孩子走在前面,瘦小的身影几乎与昏黄的光线融为一体。
他的动作灵敏得不像个孩子,每次转身都像是提前知道了路的方向。
“你到底想带我去哪儿?”
她的声音有些颤抖,但并非因为害怕。
孩子回头看了她一眼,表情冷静得让人发毛。
“离开这里。”
“我知道。”
她顿了顿,手紧了紧铁棍,“但这里明明有出口,你为什么非要绕路?”
孩子的脚步微微一顿。
他没有回答,转身继续往前走,仿佛这个问题根本不值得回应。
“你不能总是这样……”她咬了咬牙,加快脚步追上去,“我们现在是一组,你得告诉我计划。”
“计划很简单,”孩子头也不回地说,“活下去。”
她深吸了一口气,心中不由得生出一股烦躁。
这种不对等的信任关系让她感觉像是在被人牵着鼻子走。
楼梯间的尽头是一扇破旧的铁门,门上布满了斑驳的锈迹。
孩子站在门边,抬头看了看上方的通风管道,随后才轻声开口:“这里之后的路,你必须自己选。”
“什么意思?”
孩子指了指门外的方向,语气缓慢而冷静:“开门后,你会看到三条路。
无论选哪一条,你都要记住一件事——别回头。”
她盯着孩子,眉头皱得更紧了。
“为什么?”
“你问太多了。”
孩子这次的声音少了几分冷淡,多了一丝耐心。
他转身将门推开,一股陈腐的气味迎面而来。
门外是一条长长的走廊,墙壁上布满了裂痕,地面散落着一些看不出用途的废弃物。
她下意识地迈了一步,却发现孩子没有跟上来。
“你不走?”
她回头看着他。
孩子站在原地,脸上第一次出现了一丝复杂的表情。
“我的任务到这儿为止。”
“任务?”
她愣了一下,“你在说什么?”
孩子没有回答,只是从口袋里掏出一枚小小的金属物件,塞进她的手里。
“拿着这个。”
他说,“别弄丢。”
她低头看去,那是一枚拇指大小的金属镜片,表面光滑,能清楚地映出她的脸。
“这是什么?”
她问道,抬头的瞬间却发现孩子己经转身,重新走回了楼梯间。
他的身影逐渐消失在阴影中,最后只留下了一句话:“不要相信镜子。”
她的心跳乱了一拍。
站在走廊尽头的她犹豫了一瞬,最终还是紧握住金属镜片,深吸一口气,迈步向前。
走廊的尽头果然出现了三条岔路,每条路都被破损的木板和钢筋掩盖着,看上去都像是通往废墟的绝路。

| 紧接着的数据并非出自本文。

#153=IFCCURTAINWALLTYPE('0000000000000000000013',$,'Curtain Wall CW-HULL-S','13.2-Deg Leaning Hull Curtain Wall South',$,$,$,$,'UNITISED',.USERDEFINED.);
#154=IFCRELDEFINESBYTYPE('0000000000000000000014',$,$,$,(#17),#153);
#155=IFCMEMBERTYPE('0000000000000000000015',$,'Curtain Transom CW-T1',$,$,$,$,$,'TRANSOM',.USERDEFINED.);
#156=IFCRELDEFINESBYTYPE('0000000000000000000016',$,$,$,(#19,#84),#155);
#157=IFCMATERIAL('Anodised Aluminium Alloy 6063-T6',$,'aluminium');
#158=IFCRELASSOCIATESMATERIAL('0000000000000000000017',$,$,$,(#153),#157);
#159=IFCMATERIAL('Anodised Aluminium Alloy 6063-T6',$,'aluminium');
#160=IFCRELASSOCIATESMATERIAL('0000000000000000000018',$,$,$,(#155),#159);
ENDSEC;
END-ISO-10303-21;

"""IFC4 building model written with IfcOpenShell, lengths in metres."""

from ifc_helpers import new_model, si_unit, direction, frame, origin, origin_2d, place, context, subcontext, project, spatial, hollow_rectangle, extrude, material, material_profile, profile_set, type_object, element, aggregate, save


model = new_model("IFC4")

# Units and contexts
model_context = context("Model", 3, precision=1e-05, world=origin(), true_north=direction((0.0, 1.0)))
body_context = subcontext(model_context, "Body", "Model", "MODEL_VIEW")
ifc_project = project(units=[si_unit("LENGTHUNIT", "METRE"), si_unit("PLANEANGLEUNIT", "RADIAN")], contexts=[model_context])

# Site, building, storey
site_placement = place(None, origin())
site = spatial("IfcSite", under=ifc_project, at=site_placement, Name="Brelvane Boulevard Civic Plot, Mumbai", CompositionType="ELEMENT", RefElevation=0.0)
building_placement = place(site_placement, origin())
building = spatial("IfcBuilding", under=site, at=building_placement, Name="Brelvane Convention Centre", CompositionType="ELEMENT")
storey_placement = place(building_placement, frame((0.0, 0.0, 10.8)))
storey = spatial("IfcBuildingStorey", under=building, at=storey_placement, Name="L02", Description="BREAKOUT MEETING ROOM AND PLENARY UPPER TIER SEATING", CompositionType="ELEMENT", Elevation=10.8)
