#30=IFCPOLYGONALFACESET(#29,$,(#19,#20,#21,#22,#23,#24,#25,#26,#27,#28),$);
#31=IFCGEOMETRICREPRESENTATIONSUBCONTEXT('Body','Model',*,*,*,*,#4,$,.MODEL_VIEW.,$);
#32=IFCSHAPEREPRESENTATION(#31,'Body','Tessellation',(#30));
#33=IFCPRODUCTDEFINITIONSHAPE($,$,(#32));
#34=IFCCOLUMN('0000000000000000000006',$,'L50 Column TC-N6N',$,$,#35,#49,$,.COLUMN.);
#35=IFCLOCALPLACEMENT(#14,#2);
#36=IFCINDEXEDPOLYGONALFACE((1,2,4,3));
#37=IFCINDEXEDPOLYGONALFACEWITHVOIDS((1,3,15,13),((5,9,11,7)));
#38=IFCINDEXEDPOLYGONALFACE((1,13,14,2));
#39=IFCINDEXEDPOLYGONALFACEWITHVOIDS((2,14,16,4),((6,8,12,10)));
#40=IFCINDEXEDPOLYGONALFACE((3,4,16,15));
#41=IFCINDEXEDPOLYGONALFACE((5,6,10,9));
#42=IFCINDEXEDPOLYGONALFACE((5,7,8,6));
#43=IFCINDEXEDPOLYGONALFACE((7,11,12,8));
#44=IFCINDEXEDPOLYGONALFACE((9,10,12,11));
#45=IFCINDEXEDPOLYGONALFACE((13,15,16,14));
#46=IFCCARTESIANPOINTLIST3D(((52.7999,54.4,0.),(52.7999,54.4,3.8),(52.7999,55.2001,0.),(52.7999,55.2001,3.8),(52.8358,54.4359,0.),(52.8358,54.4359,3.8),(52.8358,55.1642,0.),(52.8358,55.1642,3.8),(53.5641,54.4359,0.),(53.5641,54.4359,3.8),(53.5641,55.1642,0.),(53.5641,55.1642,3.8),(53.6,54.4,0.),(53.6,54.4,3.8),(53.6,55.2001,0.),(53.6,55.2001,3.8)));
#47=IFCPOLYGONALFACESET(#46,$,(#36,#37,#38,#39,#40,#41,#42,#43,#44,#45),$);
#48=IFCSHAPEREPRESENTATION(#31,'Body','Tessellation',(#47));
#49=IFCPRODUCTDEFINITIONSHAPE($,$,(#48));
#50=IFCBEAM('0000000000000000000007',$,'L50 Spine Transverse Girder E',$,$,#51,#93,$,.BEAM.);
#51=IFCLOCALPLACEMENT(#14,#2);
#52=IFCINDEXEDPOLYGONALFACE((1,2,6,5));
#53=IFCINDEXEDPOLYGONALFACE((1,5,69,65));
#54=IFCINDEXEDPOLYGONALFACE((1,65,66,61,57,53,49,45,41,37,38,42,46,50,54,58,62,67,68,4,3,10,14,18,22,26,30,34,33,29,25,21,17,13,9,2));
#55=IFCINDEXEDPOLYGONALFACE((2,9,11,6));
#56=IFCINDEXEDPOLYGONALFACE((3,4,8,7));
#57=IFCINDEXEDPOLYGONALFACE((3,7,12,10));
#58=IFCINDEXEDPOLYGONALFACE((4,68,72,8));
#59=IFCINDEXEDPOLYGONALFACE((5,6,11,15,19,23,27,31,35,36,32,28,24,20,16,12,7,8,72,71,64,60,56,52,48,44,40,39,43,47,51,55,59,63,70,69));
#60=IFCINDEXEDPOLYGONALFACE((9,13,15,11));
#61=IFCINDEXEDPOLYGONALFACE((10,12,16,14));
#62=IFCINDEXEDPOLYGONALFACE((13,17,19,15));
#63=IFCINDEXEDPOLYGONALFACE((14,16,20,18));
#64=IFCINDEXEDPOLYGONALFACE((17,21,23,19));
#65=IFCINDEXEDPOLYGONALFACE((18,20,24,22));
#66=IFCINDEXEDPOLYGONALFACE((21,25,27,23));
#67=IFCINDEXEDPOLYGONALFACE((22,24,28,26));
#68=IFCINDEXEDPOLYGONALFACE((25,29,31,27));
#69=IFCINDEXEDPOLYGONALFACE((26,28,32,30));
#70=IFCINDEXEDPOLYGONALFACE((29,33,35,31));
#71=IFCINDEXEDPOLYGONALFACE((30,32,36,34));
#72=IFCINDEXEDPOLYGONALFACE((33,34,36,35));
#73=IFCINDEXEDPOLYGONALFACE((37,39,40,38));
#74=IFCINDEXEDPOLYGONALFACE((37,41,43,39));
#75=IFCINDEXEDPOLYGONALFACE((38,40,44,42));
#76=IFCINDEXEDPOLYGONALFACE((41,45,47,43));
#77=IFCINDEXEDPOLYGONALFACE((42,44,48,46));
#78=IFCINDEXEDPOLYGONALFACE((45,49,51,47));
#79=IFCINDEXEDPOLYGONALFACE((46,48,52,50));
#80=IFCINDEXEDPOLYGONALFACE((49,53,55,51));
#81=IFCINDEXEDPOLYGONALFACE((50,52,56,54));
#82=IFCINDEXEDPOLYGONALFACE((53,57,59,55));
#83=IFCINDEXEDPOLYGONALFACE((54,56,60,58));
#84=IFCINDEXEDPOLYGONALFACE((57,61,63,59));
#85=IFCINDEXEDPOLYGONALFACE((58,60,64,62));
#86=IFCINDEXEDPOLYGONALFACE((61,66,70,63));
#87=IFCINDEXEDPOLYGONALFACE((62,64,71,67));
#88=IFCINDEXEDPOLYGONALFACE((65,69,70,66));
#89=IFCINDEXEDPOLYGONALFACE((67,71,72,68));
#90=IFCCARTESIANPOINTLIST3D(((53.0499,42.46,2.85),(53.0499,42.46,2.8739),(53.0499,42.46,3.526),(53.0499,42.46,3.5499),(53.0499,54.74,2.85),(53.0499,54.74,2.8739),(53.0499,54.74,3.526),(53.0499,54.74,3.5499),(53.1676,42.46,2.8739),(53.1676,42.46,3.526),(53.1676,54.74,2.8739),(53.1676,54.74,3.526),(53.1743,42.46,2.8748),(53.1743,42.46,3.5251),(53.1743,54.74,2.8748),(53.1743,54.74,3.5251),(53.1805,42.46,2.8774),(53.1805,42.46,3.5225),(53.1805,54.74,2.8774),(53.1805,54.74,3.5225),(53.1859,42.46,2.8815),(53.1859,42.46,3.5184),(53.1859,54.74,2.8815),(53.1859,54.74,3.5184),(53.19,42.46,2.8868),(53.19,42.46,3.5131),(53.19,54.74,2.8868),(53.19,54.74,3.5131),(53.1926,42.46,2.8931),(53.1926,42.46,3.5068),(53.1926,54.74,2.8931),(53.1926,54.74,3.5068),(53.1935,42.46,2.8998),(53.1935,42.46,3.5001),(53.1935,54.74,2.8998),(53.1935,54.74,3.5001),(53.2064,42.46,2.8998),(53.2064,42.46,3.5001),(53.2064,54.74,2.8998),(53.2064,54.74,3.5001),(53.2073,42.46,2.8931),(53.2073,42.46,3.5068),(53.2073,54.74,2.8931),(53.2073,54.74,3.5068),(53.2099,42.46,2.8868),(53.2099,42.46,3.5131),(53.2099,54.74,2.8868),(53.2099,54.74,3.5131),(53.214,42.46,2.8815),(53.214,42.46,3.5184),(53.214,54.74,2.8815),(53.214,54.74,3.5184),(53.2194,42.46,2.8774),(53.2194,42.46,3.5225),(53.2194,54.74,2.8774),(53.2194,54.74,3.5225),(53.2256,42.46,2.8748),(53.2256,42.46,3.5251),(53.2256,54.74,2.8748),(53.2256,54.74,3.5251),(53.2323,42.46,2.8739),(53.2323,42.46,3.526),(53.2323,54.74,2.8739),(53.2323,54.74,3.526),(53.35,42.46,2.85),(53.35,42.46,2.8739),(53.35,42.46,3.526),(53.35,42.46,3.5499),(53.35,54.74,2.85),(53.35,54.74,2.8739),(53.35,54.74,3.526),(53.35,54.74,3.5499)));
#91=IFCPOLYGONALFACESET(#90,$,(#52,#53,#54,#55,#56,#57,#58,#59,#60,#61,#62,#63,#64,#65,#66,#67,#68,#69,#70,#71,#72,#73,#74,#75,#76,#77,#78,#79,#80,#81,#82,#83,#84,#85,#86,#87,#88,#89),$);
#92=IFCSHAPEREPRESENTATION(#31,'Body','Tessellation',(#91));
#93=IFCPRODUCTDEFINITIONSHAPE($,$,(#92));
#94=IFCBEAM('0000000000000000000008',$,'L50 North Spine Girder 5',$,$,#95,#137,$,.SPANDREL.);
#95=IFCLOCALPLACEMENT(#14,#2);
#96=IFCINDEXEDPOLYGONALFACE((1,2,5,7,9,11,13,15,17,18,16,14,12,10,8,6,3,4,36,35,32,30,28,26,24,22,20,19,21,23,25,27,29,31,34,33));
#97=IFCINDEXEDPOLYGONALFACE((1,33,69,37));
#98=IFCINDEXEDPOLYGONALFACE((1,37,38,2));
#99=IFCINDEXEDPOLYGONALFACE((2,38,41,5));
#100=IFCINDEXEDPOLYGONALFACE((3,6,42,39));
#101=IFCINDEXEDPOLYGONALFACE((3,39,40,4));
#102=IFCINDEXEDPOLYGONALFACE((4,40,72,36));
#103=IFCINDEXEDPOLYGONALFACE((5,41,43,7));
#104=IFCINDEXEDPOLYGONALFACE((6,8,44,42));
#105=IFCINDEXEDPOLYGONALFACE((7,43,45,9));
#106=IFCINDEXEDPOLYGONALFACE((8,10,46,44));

她低头看了看手里的镜片,却发现镜面上隐约映出了一个男人的身影。
“别害怕,”那声音低沉而熟悉,“选左边。”
她的瞳孔骤然放大,呼吸也瞬间变得急促。
“是谁?”
她的声音几乎被喉咙里的紧张卡住。
镜片中的男人微微一笑,嘴唇轻启:“是我。”
最终,她还是选了左边的路。
这条路比她想象中更加狭窄,甚至几次让她以为自己会被卡住。
但她的脚步没有停,因为她知道,如果停下,她可能会永远陷在这里。
不知走了多久,前方突然出现了一片开阔地带。
这是医院的一间大厅,破碎的窗户投下月光,将一切都笼罩在冰冷的银色中。
而大厅中央,站着一个人影。
是他。
她认出了那张脸。
那是她在镜子里见过的男人,短发凌乱,穿着一件陈旧的外套。
他站在月光下,双手插在口袋里,正静静地看着她。
“终于来了。”
他开口,语气带着淡淡的嘲讽。
她下意识地后退了一步,握紧手中的铁棍。
“你是谁?”
“我说过了,我是信使。”
他微微一笑,目光却冷得刺骨,“也是你唯一的答案。”
“我不需要答案。”
她冷冷地说,“我只想活下去。”
“可你早就死过一次了。”
他的声音像一把刀,轻而易举地切开了她的防备。
她的大脑一片空白,握着铁棍的手微微颤抖。
“你什么意思?”
男人没有回答,而是从口袋里掏出了一张折叠得整整齐齐的纸,递到她面前。
“看这个。”
她迟疑了一瞬,最终还是接了过来。
纸上的内容让她的心脏狠狠一跳——那是一份死亡证明,上面清清楚楚地写着她的名字和死亡日期,而签字的医生正是她几天前救出的孩子。
“你到底想让我相信什么?”
她的声音有些颤抖,却努力让自己看起来镇定。
男人低下头,轻声说道:“相信你自己。”
她的呼吸乱了片刻,抬头时却发现大厅中央的他己经不见了。
只有手中的死亡证明,还真实地握在她的掌心。